Permeabilization and Intracellular Staining of PBMCs
Cold 1X Perm Buffer I (BD Biosciences) was added to each sample and mixed by pipetting. Samples were centrifuged, aspirated, and resuspended in 150µL of cold Perm Buffer I before a 10-minute incubation period at 4°C. Incubated samples were centrifuged and resuspended in an intracellular staining cocktail composed of CD3-APC (1:400, Biolegend), CD4-PE (1:200, Biolegend), CD8-PerCP-Cy5.5 (5µL, BD Biosciences), IFNγ-A488 (1:20, Biolegend), IL-4-BV421 (1:50, Biolegend), and IL-17-PE-Cy7 (1:50, Biolegend) diluted in Perm Buffer for 60 minutes at 4°C. Following incubation, samples were washed twice using Perm Buffer I and once using FBS Stain Buffer (centrifugation at 400 x g for 5 minutes at 21°C). After the final washing step, each sample was resuspended in cold FBS stain buffer and was characterized using flow cytometry.
Flow cytometry samples were acquired on a custom 4-laser BD LSRII flow cytometer equipped with the BD FACSDiva Software (BD Biosciences).
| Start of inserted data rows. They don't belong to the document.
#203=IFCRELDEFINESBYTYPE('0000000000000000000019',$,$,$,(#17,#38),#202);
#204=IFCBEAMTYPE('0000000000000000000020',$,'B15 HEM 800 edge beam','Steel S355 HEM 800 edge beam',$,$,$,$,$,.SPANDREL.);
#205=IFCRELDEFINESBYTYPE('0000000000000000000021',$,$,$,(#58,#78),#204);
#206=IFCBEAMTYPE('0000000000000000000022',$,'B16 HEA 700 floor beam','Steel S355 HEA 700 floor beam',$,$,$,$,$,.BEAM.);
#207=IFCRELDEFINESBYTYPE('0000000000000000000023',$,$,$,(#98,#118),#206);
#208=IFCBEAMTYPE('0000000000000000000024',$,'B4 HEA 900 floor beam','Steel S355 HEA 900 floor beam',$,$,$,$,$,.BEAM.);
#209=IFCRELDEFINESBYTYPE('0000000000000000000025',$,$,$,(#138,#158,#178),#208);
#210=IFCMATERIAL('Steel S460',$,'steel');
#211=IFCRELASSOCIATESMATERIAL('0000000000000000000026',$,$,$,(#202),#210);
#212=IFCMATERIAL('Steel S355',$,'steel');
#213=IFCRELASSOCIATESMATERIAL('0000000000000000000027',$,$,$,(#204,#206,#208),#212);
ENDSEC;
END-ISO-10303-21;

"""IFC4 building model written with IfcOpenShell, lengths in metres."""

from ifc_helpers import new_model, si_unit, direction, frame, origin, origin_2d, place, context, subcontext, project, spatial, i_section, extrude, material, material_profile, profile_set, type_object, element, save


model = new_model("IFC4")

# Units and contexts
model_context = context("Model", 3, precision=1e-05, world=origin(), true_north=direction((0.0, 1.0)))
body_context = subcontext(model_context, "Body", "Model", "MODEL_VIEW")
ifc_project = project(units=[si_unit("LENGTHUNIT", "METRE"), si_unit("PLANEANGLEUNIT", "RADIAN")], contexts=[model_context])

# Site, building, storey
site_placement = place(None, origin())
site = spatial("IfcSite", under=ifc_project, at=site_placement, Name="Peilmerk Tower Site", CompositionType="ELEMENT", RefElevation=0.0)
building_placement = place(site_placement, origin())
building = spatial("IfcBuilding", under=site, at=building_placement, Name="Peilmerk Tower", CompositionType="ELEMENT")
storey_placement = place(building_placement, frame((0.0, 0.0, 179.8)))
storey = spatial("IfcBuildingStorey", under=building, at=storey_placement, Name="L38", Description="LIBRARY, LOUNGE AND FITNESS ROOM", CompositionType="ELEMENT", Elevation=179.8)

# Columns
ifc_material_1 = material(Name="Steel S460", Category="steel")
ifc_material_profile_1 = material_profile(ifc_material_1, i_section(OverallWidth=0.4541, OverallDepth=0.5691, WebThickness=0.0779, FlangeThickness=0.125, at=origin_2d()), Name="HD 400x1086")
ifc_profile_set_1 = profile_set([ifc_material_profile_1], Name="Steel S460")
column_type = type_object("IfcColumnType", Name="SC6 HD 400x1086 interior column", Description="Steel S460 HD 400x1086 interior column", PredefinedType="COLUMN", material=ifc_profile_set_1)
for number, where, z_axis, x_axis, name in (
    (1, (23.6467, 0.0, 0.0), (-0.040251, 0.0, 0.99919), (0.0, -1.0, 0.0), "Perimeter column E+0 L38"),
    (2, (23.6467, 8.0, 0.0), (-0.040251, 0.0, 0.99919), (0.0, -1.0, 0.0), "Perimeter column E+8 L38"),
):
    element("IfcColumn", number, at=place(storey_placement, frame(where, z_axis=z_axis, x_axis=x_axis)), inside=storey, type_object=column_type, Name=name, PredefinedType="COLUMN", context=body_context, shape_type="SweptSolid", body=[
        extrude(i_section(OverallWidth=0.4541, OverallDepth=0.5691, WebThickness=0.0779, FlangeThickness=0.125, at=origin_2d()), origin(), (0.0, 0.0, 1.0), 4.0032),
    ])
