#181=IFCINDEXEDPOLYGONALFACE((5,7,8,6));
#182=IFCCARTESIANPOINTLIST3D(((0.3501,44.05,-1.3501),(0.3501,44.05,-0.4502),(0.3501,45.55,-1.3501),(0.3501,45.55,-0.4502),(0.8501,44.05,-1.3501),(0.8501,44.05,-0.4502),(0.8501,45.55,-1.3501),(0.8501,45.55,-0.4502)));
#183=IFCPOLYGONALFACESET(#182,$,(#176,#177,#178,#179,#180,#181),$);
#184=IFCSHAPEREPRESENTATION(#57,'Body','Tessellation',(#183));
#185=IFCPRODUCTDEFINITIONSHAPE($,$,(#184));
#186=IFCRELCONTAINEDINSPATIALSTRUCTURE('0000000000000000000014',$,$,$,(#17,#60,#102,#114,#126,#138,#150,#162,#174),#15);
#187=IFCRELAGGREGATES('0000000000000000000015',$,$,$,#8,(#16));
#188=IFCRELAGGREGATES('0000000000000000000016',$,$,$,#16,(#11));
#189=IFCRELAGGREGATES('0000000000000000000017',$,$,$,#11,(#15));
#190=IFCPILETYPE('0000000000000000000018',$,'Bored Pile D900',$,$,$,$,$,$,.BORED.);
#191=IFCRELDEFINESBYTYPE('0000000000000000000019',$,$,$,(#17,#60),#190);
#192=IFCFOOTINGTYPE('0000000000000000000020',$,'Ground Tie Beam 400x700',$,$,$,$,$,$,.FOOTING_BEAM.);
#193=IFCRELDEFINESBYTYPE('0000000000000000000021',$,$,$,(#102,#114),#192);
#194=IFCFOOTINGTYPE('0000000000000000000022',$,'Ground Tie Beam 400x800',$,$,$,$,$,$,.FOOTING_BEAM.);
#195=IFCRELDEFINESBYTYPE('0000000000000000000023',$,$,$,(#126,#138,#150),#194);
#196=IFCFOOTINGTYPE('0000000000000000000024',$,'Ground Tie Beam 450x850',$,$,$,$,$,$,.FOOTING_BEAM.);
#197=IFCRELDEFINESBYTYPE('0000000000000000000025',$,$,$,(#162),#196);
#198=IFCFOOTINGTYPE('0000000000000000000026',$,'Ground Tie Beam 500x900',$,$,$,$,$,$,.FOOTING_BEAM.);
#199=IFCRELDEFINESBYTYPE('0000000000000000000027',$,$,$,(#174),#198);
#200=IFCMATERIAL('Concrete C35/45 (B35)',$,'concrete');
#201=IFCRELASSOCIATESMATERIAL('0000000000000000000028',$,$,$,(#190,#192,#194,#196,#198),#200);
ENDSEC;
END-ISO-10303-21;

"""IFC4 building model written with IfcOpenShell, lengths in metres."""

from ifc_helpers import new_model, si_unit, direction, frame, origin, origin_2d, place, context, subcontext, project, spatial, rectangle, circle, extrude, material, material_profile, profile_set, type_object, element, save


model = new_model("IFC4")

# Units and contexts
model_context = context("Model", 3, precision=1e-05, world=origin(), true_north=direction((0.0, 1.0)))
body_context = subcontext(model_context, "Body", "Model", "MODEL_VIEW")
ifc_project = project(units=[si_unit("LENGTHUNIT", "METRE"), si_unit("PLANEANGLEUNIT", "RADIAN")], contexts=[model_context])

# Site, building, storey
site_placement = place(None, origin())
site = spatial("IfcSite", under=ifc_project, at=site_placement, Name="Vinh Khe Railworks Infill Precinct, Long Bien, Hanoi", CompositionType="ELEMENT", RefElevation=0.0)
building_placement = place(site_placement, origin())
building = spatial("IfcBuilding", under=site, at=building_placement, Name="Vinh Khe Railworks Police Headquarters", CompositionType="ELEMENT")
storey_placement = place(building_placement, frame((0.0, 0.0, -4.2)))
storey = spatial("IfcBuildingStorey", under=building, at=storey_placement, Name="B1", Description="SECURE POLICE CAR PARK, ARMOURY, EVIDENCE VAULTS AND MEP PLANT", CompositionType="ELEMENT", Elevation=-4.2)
Cellular yield was defined as the number of cells per mL of input blood both before and after cryopreservation while cellular recovery was the ratio of cells present after cryopreservation compared to prior. The cell viability was calculated as the percentage of living cells compared to the total cell count. Analysis of flow cytometry data for comparison of immune cell populations and cytokine productions were conducted using Cytobank.
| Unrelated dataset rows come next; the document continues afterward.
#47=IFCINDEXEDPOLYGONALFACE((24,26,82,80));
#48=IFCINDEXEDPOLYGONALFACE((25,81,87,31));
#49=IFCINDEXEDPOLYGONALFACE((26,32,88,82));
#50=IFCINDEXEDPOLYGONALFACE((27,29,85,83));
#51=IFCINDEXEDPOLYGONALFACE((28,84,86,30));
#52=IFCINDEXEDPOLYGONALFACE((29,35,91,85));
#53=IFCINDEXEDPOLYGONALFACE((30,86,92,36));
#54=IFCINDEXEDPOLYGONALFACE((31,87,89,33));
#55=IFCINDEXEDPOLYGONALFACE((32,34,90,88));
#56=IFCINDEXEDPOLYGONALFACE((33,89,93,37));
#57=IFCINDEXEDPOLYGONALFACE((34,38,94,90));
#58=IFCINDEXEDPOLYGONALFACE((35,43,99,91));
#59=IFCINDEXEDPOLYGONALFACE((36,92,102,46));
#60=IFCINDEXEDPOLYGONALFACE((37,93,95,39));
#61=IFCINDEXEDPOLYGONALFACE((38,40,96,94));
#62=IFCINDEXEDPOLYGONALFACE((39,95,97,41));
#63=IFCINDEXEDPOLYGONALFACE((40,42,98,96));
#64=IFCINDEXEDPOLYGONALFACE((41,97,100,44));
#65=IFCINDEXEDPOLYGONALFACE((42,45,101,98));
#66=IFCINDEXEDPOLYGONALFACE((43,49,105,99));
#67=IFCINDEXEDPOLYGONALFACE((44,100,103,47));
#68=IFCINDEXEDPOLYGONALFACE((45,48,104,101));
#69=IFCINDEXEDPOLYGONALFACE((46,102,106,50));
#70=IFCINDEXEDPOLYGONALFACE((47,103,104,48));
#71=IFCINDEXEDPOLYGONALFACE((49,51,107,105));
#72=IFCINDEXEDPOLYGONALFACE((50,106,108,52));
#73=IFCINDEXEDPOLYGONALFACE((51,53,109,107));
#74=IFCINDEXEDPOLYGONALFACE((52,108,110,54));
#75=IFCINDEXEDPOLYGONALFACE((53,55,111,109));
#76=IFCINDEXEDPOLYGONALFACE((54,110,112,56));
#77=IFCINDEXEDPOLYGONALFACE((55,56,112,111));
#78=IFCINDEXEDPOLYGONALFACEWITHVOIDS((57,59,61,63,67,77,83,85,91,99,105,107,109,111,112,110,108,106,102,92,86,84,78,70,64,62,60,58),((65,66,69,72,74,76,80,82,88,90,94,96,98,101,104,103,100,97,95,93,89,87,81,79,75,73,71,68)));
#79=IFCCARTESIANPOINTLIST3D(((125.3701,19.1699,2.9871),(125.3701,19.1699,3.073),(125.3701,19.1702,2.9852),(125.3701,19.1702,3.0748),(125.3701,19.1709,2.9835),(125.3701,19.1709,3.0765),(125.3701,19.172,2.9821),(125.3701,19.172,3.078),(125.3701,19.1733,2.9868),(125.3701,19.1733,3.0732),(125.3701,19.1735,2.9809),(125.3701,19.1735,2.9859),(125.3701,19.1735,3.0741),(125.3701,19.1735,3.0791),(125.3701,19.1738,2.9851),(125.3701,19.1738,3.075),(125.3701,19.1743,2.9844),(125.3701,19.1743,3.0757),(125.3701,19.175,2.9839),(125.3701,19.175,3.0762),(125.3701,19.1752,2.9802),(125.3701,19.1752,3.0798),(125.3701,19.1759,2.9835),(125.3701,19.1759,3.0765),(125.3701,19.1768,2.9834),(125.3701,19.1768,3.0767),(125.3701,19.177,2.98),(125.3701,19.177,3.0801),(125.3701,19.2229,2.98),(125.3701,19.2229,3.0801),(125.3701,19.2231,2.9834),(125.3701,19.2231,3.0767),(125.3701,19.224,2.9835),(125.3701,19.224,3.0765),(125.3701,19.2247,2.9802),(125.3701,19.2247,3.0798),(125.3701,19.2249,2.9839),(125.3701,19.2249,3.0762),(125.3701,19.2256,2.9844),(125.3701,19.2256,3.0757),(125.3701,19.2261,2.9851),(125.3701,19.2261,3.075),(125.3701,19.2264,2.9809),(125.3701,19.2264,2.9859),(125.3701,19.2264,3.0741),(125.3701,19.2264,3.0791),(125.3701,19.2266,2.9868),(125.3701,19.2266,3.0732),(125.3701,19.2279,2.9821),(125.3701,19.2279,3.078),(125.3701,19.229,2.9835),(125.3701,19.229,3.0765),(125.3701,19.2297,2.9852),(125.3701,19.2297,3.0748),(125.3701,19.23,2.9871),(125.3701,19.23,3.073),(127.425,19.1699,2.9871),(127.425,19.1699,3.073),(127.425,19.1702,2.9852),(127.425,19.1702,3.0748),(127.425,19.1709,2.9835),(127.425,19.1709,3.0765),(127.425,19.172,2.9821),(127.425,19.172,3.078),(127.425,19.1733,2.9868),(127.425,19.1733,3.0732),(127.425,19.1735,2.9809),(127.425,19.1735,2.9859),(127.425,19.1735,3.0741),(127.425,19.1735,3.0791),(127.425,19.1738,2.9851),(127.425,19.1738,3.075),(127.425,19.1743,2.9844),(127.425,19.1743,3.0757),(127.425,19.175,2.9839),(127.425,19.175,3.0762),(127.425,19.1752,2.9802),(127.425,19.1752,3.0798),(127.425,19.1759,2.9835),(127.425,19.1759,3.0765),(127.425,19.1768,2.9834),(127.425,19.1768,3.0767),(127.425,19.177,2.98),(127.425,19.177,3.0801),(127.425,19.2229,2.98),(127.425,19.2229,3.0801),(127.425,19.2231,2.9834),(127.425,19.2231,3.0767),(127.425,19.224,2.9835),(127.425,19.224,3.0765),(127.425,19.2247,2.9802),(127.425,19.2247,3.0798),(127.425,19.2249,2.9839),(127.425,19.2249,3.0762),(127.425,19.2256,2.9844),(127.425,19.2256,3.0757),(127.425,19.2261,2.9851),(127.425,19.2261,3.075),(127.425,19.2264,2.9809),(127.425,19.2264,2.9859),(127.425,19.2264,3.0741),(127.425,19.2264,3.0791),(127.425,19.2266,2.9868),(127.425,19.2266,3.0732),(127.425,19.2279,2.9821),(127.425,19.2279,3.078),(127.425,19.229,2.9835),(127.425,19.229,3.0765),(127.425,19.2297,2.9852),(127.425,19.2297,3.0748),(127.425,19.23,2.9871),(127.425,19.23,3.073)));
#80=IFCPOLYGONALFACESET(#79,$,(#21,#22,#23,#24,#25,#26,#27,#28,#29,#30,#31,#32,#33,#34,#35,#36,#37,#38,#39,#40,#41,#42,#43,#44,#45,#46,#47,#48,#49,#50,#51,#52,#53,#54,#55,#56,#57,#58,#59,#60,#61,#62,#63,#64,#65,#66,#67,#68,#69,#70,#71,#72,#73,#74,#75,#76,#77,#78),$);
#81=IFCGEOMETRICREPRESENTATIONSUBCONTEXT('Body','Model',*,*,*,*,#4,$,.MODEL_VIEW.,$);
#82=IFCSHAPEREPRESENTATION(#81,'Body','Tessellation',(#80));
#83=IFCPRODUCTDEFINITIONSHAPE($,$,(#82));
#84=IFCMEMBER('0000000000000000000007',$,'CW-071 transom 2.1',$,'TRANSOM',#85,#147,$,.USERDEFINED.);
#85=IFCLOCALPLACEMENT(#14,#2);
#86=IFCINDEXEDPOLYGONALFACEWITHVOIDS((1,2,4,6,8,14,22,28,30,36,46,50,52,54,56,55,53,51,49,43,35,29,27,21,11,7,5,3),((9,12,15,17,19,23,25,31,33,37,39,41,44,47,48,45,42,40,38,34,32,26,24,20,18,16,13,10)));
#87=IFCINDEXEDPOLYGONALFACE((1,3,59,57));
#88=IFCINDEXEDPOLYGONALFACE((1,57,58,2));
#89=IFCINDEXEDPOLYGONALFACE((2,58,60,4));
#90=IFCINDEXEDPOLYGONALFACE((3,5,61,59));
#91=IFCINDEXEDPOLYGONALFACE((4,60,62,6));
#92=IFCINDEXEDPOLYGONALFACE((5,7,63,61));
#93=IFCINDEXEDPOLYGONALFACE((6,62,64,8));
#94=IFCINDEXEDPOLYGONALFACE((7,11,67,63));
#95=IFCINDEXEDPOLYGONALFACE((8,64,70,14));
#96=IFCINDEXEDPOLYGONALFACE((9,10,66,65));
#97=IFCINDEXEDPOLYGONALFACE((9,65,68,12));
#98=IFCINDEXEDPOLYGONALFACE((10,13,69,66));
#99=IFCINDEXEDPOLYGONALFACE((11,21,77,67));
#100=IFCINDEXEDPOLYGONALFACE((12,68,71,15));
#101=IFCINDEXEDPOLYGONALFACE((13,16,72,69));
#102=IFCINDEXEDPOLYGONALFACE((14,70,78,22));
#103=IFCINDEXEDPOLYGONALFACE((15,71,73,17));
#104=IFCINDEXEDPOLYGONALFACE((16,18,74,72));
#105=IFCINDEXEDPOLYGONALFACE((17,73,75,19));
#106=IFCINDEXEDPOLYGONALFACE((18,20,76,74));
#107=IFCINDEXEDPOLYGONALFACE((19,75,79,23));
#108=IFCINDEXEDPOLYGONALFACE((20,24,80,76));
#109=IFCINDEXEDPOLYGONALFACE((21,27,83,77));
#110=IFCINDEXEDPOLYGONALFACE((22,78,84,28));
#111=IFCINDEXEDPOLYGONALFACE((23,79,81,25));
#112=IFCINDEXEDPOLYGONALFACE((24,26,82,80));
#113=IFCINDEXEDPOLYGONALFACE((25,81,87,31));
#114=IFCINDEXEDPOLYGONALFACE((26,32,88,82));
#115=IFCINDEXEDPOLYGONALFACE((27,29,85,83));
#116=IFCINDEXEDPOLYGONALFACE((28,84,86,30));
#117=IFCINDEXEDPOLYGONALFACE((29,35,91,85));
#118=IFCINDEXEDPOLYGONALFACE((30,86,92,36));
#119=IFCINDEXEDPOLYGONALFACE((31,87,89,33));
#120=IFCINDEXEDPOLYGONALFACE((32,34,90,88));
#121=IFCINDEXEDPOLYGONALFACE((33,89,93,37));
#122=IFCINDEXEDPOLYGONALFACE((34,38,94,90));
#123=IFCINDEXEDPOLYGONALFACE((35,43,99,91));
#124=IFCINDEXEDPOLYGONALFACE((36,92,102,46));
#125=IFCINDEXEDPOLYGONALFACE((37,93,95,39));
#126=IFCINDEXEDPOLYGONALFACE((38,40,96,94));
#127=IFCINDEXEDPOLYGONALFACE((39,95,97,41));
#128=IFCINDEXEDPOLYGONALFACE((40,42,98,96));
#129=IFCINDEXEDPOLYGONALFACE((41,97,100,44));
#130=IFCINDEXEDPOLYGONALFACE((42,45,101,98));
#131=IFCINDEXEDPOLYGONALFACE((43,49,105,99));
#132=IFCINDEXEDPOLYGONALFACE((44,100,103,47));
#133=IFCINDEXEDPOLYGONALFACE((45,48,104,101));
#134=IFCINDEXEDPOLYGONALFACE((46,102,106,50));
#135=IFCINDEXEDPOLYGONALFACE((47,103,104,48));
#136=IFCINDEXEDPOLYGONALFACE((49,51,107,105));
Statistical comparisons between CPT and LP tubes were performed using R. The Wilcoxon Signed Rank Test was used to compare the means of repeated measurements on a single sample. Three-way ANOVA tests were used to identify any significant differences due to donor, operator, or method variability. For each parameter, a sum square was calculated for each independent variable (donor, method, and operator) to identify the deviation of each observation from the mean. The sum square contribution of each independent variable is calculated as sum square divided by the total sum square. From each sum square, a calculated F value was used to determine if a relationship exists between the dependent variables and the donor, method, and operator. A p-value is associated with the F-value, and any p-values less than 0.05 were considered to be statistically significant.